From mboxrd@z Thu Jan  1 00:00:00 1970
X-Spam-Checker-Version: SpamAssassin 3.4.2 (2018-09-13) on inbox.vuxu.org
X-Spam-Level: 
X-Spam-Status: No, score=-3.3 required=5.0 tests=MAILING_LIST_MULTI,
	RCVD_IN_DNSWL_MED,RCVD_IN_MSPIKE_H3,RCVD_IN_MSPIKE_WL,SPF_PASS
	autolearn=ham autolearn_force=no version=3.4.2
Received: (qmail 32469 invoked from network); 7 Apr 2020 17:50:22 -0000
Received-SPF:  pass (mother.openwall.net: domain of lists.openwall.com
  designates 195.42.179.200 as permitted sender)
  receiver=inbox.vuxu.org; client-ip=195.42.179.200
  envelope-from=<musl-return-15662-ml=inbox.vuxu.org@lists.openwall.com>
Received: from mother.openwall.net (195.42.179.200)
  by inbox.vuxu.org with UTF8ESMTPZ; 7 Apr 2020 17:50:22 -0000
Received: (qmail 9418 invoked by uid 550); 7 Apr 2020 17:50:20 -0000
Mailing-List: contact musl-help@lists.openwall.com; run by ezmlm
Precedence: bulk
List-Post: <mailto:musl@lists.openwall.com>
List-Help: <mailto:musl-help@lists.openwall.com>
List-Unsubscribe: <mailto:musl-unsubscribe@lists.openwall.com>
List-Subscribe: <mailto:musl-subscribe@lists.openwall.com>
List-ID: <musl.lists.openwall.com>
Reply-To: musl@lists.openwall.com
Received: (qmail 9400 invoked from network); 7 Apr 2020 17:50:19 -0000
Date: Tue, 7 Apr 2020 13:50:07 -0400
From: Rich Felker <dalias@libc.org>
To: musl@lists.openwall.com
Message-ID: <20200407175007.GL11469@brightrain.aerifal.cx>
References: <20200403213110.GD11469@brightrain.aerifal.cx>
 <20200404025554.GG11469@brightrain.aerifal.cx>
 <20200404181948.GH11469@brightrain.aerifal.cx>
 <20200405022023.GI11469@brightrain.aerifal.cx>
MIME-Version: 1.0
Content-Type: text/plain; charset=us-ascii
Content-Disposition: inline
In-Reply-To: <20200405022023.GI11469@brightrain.aerifal.cx>
User-Agent: Mutt/1.5.21 (2010-09-15)
Subject: Re: [musl] New malloc tuning for low usage

On Sat, Apr 04, 2020 at 10:20:23PM -0400, Rich Felker wrote:
> > The answer is that it depends on where the sizes fall.
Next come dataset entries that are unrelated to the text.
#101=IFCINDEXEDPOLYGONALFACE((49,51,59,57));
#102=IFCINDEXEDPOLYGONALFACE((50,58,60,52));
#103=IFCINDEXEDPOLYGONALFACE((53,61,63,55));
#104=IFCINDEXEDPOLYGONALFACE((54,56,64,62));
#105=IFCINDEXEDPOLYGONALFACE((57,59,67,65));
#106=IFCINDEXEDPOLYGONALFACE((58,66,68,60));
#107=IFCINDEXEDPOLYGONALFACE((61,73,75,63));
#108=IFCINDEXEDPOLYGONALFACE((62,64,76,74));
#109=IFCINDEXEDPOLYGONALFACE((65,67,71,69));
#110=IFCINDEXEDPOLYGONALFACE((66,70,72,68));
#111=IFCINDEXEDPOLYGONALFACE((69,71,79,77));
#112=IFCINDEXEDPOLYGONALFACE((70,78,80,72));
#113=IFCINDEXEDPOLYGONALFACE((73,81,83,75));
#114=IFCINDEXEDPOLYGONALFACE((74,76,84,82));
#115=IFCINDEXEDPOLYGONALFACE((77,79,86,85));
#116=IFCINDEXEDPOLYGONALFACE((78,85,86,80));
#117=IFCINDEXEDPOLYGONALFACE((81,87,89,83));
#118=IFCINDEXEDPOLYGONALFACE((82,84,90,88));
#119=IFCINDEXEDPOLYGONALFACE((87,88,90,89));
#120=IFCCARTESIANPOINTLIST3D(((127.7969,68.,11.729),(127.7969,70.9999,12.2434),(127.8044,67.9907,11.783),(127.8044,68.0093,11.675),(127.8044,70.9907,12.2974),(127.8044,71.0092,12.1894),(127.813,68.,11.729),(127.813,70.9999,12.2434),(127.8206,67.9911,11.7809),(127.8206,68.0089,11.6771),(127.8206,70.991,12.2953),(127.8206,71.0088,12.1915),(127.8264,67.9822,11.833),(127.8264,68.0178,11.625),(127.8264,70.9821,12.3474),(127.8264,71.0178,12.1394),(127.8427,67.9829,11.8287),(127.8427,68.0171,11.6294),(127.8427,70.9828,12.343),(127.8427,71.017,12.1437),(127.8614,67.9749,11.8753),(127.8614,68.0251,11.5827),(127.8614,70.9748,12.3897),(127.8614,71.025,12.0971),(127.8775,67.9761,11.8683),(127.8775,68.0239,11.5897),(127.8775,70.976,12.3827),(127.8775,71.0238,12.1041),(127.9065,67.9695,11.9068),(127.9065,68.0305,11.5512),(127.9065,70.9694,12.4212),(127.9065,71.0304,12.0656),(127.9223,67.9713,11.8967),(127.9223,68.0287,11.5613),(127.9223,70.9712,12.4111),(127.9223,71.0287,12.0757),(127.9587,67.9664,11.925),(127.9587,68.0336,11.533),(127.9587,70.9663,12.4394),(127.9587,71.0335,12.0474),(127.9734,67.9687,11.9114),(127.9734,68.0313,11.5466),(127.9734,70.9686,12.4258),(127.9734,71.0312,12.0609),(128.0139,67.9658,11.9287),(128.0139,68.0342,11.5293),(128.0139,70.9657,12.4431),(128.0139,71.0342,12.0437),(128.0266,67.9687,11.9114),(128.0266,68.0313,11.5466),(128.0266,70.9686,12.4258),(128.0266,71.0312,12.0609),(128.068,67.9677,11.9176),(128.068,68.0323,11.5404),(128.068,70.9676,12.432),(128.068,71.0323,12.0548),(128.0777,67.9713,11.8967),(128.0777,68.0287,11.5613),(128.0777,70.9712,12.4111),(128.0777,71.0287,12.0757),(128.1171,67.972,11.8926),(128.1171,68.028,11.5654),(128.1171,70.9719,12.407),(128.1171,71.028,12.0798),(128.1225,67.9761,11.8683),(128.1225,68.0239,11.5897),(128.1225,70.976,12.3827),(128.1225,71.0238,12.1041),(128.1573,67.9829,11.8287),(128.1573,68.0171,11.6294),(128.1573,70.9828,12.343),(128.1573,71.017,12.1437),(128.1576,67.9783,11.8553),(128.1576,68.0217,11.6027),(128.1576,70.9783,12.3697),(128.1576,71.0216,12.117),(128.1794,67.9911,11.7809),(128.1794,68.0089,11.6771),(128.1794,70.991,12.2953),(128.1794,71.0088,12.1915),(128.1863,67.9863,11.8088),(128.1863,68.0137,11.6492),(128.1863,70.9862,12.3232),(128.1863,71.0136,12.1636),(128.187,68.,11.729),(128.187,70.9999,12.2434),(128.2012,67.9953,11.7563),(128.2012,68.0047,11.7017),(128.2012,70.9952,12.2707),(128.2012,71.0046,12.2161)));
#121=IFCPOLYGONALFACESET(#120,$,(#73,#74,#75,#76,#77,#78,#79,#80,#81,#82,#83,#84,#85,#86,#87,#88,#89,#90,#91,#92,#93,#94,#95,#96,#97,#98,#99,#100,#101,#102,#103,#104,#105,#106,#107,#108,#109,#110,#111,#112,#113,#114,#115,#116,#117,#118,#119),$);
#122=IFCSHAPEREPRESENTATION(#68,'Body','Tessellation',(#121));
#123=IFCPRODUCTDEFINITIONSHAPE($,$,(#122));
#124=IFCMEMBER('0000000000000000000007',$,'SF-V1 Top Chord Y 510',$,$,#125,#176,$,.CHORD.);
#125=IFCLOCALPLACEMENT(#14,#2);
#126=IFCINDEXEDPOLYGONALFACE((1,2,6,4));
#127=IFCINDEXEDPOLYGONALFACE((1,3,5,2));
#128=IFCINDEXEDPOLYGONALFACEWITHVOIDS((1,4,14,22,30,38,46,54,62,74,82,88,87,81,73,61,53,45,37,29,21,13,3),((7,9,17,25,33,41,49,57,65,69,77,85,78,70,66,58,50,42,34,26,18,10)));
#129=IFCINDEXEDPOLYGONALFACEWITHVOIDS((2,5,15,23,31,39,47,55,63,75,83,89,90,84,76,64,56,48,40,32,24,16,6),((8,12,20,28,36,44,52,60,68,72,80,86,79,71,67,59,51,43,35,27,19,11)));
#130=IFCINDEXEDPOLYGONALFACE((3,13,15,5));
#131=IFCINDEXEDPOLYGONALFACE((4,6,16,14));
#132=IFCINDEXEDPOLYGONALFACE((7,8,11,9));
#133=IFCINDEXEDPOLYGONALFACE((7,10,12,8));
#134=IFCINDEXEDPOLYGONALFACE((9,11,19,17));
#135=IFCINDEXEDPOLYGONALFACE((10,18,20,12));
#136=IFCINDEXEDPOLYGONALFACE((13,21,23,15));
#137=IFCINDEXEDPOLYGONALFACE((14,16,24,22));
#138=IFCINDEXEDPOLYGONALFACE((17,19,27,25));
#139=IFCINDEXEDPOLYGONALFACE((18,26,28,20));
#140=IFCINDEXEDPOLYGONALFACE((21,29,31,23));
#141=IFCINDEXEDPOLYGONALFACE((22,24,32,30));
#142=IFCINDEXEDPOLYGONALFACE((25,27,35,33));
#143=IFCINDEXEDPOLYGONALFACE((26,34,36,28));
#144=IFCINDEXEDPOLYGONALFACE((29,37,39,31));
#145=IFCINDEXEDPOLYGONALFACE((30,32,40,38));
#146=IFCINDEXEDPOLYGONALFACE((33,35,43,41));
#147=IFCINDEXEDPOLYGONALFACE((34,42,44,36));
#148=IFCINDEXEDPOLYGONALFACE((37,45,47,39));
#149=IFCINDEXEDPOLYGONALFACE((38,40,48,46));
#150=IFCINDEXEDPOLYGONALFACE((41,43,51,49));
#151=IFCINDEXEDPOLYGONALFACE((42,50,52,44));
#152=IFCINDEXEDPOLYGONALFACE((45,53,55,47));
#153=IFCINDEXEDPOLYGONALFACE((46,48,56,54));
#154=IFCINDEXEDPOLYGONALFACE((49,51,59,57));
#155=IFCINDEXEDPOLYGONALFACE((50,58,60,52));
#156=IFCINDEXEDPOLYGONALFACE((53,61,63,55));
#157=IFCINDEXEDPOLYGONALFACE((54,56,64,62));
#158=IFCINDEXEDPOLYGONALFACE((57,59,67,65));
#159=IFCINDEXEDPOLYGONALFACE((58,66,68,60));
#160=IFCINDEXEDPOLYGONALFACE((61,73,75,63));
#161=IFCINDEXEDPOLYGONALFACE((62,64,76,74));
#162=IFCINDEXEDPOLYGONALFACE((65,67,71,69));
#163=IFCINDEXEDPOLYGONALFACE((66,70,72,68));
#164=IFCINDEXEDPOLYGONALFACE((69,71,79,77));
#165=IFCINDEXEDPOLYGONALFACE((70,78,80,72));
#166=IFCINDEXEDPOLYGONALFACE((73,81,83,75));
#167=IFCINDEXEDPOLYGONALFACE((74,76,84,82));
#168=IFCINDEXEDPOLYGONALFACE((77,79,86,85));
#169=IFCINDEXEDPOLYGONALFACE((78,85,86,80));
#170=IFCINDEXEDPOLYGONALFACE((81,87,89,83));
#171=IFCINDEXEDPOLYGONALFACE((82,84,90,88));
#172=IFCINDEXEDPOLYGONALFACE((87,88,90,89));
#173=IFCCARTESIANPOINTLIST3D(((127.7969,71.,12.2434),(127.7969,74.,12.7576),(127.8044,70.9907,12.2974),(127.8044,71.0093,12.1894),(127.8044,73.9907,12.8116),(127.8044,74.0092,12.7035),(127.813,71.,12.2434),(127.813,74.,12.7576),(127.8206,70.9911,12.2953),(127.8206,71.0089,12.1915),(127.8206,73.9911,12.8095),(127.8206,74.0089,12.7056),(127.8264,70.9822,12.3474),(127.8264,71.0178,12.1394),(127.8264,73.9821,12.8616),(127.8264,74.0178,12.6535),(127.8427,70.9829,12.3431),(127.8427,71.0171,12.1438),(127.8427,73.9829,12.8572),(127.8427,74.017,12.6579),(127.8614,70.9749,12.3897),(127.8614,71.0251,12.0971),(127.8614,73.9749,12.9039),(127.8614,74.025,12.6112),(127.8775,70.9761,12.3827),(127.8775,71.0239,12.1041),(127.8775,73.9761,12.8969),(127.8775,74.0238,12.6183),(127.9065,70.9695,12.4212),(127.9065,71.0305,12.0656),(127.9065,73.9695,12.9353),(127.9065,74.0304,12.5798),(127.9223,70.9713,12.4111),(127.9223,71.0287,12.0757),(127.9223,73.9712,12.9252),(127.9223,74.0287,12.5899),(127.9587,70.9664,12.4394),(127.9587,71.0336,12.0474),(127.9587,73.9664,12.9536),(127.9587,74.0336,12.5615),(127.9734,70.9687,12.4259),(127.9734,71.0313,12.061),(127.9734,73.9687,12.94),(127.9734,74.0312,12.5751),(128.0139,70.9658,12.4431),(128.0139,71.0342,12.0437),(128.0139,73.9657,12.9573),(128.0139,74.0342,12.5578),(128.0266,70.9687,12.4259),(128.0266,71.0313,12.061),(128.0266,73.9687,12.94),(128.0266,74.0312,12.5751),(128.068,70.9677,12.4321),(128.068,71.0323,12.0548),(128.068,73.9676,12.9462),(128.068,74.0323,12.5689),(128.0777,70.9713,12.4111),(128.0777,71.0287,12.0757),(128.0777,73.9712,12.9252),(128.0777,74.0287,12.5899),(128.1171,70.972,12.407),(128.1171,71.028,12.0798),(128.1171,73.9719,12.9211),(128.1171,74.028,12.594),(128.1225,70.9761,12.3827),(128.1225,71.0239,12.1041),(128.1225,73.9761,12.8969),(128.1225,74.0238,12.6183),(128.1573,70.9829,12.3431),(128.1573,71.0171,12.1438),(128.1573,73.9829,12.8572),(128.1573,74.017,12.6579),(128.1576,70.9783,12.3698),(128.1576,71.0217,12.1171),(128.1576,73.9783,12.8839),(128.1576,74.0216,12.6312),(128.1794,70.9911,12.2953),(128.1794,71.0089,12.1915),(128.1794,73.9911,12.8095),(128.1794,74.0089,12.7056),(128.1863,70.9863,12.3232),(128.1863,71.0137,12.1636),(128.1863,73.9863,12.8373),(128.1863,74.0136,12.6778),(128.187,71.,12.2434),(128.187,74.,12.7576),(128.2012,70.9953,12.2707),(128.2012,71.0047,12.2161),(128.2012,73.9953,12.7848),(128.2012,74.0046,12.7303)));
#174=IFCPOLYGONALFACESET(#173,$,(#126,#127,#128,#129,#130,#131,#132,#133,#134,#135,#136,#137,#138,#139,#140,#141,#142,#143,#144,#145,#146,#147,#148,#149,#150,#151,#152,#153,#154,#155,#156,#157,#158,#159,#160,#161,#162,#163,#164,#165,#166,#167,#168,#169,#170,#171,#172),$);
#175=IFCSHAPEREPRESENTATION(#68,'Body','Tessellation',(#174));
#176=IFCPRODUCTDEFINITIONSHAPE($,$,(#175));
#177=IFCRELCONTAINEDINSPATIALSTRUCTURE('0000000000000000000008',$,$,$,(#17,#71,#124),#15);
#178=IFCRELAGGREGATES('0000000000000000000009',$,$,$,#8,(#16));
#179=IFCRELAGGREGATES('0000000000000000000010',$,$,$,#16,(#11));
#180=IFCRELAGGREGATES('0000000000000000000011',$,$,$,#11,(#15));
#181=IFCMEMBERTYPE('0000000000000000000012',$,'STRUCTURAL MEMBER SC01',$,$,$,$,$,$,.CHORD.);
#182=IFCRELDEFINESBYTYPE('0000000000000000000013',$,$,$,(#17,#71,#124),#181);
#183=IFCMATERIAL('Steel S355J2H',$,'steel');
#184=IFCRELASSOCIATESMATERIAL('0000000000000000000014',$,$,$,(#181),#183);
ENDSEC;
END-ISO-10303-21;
At 16k,
> > rounding up to page size produces 20k usage (5 pages) but the 3-slot
> > class-37 group uses 5+1/3 pages, so individual mmaps are preferable.
> > However if we requested 20k, individual mmaps would be 24k (6 pages)
> > while the 3-slot group would still just use 5+1/3 page, and would be
> > preferable to switch to. The condition seems to be just whether the
> > rounded-up-to-whole-pages request size is larger than the slot size,
> > and we should prefer individual mmaps if (1) it's smaller than the
> > slot size, or (2) using a multi-slot group would be a relative usage
> > increase in the class of more than 50% (or whatever threshold it ends
> > up being tuned to).
> > 
> > I'll see if I can put together a quick implementation of this and see
> > how it works.
> 
> This seems to be working very well with the condition:
> 
> 	if (sc >= 35 && cnt<=3 && (size*cnt > usage/2 || ((req+20+pagesize-1) & -pagesize) <= size))
> 	    ^^^^^^^^    ^^^^^^^^^^^^^^^^^^^^^^^^^^^^^    ^^^^^^^^^^^^^^^^^^^^^^^^^^^^^^^^^^^^^^^^^^
> 	 at least ~16k    wanted to make a smaller        requested size
> 	                  group but hit lower cnt         rounded up to
> 	                  limit; see loop above           page <= slot size
> 
> at the end of the else clause for if (sc < 8) in alloc_group. Here req
> is a new argument to expose the size of the actual request malloc
> made, so that for single-slot groups (mmap serviced allocations) we
> can allocate just the minimum needed rather than the nominal slot
> size.

This isn't quite right for arbitrary page size; in particular there's
a missing condition that the potential multi-slot group is actually
larger than the single-slot mmap rounded up to page size. This can be
expressed as size*cnt >= ROUND(req+20). It's automatically true for
sc>=35 with PGSZ==4k but not with 64k.

In summary, it seems there are 3 necessary conditions to consider use
of single-slot group (individual mmap):

- It would actually be smaller than multi-slot group
  (otherwise you're just wasting memory)

- The absolute size is large enough to justify syscall overhead
  (otherwise you can get pathological performance from alloc/free cycles)

- Current usage is low enough that the multi-slot group doesn't obey
  desired growth bounds on usagae
  (otherwise you get vm space fragmentation)

I think it's preferable to break the third condition down into two
(either-or) cases:

- size*cnt > usage/2 (i.e. multi-slot would grow usage by >50%), or

- ROUND(req+20) < size && "low usage" (i.e. slot slack/internal
  fragmentation is sufficiently high that individual mmap not just
  avoids costly preallocation but saves memory)

The second condition here is especially helpful in the presence of
"coarse size classing", since it will almost always be true as long as
the threshold to stop coarse classing has been reached, and negates
all the potential waste.

It would be possible just to disable coarse classing for size ranges
eligible for individual mmap, and in some ways that would be cleaner,
but it requires duplicating eligibility logic in two places where it's
difficult for them to get exactly the same result.

Rich